# spicing up sex life in marriage



## chad21 (Jan 31, 2016)

wanted to get input from the TAM community

wife and I ( she is 49, i am 53) been married 2 years.
second time around for both of us
very happy and in love
sex life has been excellent and keeps getting better, we are open to watching occasional porn and using some toys, lingerie etc to enhance our activities

about a year ago while in a hotel we were having a argument and when walking back to our room while in hallway heard very loud moaning and clearly the sounds of a couple having sex.
we both acted quite disturbed by it but when we got to out room the argument was forgotten and both of us were quite aroused by what we had heard and proceeded to have extremely hot activity

over past month we have discussed going to swinger clubs just to watch and see what happens there.
over last 2 weeks went to a club in city away from where we live so there would be no chance of meeting anyone we knew.
we had rules and there was to be no interaction with any others, male or female and we would just see what was happening inside these clubs and stay to ourselves

to keep it short, it was upscale place, nice bar, dance floor and it was couples only and a few single females were there were.
some ladies dressed in sexy outfits. we sat in couch and then walked to back area, which was quite dark and had rooms with couples having sex, some with the doors open so we could watch from the doorway, we could see and hear sounds and 
we both became quite aroused and went into a room and closed the door and had very hot and good sex.
we did this a couple of times during the evening and then went back to hotel and continued the activity for a few more hours.
over the next week we both have remained very aroused by what we saw and sex life seems to be on steroids and is really quite exceptional.
we are now thinking about going again in a few weeks when out of town.
we discussed rules and decided minimal interaction with others, we are not going to make friends or socialize and only when out of town.
we stay together and will watch others and if we feel like it go in a private room and have our own fun.
she does get excited by idea of leaving door open a bit so others can watch us doing it a little 
it has really enhanced our sex life which was already excellent.

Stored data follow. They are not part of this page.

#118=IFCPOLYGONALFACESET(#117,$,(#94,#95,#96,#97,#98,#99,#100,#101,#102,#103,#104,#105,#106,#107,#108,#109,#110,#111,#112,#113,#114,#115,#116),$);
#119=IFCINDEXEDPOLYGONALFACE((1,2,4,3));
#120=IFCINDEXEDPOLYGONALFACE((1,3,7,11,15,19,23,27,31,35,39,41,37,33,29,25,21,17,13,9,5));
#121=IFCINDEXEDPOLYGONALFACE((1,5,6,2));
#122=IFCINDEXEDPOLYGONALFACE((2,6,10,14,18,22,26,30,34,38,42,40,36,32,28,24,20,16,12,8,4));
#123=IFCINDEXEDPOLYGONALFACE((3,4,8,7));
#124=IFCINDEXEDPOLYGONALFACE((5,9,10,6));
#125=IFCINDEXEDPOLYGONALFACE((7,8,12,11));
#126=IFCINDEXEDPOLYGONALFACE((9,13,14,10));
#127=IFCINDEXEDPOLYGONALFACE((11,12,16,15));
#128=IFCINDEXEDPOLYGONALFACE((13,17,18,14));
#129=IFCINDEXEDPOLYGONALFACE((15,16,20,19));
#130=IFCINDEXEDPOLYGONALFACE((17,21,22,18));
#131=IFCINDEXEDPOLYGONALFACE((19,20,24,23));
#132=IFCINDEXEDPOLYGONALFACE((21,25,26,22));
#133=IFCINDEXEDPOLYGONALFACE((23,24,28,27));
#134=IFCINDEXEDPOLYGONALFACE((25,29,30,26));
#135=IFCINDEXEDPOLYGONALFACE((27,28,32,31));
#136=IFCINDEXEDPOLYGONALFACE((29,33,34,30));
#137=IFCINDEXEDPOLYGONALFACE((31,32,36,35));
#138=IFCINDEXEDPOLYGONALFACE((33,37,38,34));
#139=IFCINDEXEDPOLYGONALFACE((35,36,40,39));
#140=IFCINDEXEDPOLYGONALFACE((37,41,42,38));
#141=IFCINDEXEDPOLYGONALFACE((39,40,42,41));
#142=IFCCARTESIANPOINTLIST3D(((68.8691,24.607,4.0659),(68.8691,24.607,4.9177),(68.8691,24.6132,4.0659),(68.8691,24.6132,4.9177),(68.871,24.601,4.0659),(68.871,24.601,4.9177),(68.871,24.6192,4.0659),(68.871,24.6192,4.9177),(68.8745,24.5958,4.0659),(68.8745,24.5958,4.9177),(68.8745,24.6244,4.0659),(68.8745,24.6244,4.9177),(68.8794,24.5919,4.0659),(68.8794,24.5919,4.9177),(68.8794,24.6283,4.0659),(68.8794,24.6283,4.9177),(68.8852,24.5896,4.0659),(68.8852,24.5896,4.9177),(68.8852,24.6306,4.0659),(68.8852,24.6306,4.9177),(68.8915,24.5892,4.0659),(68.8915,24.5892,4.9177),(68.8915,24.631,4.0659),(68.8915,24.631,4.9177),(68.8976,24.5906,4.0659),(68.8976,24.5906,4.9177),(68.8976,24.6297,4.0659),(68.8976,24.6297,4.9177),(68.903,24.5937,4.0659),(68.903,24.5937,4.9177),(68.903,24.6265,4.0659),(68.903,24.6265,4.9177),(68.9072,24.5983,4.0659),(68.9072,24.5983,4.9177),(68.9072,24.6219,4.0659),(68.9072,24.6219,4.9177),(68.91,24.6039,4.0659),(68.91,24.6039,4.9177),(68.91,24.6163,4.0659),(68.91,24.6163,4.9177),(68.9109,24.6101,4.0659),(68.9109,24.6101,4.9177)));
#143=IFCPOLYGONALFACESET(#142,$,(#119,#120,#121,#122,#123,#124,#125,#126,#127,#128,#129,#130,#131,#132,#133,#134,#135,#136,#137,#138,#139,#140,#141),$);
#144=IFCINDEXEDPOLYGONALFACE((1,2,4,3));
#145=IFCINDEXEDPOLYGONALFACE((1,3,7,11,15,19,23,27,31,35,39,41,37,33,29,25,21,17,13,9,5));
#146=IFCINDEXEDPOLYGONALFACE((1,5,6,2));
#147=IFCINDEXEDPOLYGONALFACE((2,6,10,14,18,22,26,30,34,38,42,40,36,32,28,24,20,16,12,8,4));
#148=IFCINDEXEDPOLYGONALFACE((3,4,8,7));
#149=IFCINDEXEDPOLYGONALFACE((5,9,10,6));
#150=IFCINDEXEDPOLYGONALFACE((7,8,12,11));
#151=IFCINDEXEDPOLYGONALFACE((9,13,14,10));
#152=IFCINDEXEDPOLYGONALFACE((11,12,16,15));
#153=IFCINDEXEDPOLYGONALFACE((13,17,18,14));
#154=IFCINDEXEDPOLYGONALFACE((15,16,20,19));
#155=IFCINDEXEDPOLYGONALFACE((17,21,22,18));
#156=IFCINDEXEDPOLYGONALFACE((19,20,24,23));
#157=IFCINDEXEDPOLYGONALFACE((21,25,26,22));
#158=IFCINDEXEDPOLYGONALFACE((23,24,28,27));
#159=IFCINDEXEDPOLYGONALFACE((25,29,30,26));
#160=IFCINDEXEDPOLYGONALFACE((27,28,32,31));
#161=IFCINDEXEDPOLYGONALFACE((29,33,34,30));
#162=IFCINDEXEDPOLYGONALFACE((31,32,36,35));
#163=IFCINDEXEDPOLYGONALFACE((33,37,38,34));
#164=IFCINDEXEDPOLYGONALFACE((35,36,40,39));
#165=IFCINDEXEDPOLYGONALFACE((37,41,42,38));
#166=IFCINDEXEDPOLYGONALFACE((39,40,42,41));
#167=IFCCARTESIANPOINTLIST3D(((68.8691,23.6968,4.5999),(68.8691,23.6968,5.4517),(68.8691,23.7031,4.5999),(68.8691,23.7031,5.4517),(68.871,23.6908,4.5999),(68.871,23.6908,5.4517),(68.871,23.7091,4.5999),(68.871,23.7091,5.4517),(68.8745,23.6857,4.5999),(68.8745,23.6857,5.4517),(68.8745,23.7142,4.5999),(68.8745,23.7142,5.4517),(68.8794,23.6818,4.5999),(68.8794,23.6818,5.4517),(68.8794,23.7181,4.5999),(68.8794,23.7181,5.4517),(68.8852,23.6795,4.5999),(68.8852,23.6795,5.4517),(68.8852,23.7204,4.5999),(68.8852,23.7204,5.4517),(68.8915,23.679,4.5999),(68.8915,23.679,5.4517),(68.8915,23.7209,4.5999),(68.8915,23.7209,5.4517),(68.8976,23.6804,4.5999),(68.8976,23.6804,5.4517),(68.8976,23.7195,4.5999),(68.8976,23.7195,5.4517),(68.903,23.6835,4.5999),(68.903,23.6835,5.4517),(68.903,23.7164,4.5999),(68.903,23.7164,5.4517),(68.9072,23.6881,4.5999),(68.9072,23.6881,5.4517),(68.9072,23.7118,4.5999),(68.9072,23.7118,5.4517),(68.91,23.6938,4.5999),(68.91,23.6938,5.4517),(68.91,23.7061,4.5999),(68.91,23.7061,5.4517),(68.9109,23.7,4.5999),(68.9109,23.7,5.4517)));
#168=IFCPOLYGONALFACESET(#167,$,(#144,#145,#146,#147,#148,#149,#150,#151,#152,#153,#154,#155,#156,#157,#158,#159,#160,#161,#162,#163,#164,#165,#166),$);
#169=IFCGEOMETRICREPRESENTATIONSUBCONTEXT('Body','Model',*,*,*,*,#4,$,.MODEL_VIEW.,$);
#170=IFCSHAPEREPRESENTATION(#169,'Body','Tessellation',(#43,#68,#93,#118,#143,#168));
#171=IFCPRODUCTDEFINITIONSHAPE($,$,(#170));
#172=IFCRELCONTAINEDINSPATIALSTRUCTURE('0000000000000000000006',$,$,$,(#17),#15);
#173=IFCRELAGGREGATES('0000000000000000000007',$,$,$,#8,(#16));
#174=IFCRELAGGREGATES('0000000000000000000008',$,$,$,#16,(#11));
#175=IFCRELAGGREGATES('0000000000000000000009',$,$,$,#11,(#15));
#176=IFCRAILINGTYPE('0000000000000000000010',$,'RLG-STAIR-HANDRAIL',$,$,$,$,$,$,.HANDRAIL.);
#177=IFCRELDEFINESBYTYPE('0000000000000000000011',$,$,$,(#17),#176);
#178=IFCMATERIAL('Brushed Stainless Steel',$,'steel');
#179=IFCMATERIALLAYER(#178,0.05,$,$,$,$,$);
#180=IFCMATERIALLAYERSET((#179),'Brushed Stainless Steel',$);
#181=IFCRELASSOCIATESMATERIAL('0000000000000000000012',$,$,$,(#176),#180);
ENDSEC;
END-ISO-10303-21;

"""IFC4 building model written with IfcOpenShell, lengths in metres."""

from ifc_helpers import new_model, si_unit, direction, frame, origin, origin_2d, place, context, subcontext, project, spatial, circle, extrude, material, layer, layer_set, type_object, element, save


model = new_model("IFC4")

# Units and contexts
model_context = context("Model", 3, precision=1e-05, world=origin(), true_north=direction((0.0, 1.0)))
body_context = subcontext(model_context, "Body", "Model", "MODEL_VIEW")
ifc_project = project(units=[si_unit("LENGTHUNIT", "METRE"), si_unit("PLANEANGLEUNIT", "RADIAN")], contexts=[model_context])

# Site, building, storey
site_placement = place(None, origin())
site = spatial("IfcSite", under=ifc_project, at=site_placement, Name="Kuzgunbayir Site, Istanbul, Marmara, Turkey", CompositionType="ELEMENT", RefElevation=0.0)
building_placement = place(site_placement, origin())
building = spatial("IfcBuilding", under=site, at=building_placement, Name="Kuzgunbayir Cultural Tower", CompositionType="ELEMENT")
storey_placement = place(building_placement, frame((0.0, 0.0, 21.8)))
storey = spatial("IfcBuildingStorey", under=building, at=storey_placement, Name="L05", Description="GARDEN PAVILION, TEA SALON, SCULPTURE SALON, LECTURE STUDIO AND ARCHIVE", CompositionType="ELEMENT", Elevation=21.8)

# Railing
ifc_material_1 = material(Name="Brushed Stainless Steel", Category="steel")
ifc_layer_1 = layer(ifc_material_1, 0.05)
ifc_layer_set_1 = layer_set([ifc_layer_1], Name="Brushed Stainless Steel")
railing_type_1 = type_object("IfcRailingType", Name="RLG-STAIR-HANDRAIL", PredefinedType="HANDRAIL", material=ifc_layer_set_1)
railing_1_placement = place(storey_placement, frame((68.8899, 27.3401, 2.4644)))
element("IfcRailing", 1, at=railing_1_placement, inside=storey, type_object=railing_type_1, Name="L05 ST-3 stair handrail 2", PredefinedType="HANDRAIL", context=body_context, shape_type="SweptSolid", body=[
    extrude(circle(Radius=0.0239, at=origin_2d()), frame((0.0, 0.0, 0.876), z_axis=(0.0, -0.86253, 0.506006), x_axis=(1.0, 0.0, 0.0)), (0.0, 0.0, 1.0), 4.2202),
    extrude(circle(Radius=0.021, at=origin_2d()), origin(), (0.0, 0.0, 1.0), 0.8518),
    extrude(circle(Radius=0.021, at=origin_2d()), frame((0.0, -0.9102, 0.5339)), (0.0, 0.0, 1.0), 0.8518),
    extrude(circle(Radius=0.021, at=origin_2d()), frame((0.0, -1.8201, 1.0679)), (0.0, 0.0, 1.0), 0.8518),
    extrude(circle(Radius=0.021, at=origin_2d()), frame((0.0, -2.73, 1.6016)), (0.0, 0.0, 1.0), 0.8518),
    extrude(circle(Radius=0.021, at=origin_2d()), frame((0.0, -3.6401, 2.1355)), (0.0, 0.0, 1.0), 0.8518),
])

I guess we are not really swingers but more voyeurs and perhaps some exhibitionism

what do you guys think?
dangers, concerns ?
should we stop this and act more normal ?


----------



## Married but Happy (Aug 13, 2013)

If you're both in agreement, and have and follow rules, then enjoy. Plenty of swingers limit themselves to watching - and perhaps being watched - and never take it further. The only risk is that one or both of you may eventually want to take it further - that's only a problem if only one of you wants this, and if that's the case it's best to just stop completely.

Oh, and avoid drinking too much, as that may lead you to decisions you'd regret the next day.


----------



## ConanHub (Aug 9, 2013)

Married but Happy said:


> If you're both in agreement, and have and follow rules, then enjoy. Plenty of swingers limit themselves to watching - and perhaps being watched - and never take it further. The only risk is that one or both of you may eventually want to take it further - that's only a problem if only one of you wants this, and if that's the case it's best to just stop completely.
> 
> Oh, and avoid drinking too much, as that may lead you to decisions you'd regret the next day.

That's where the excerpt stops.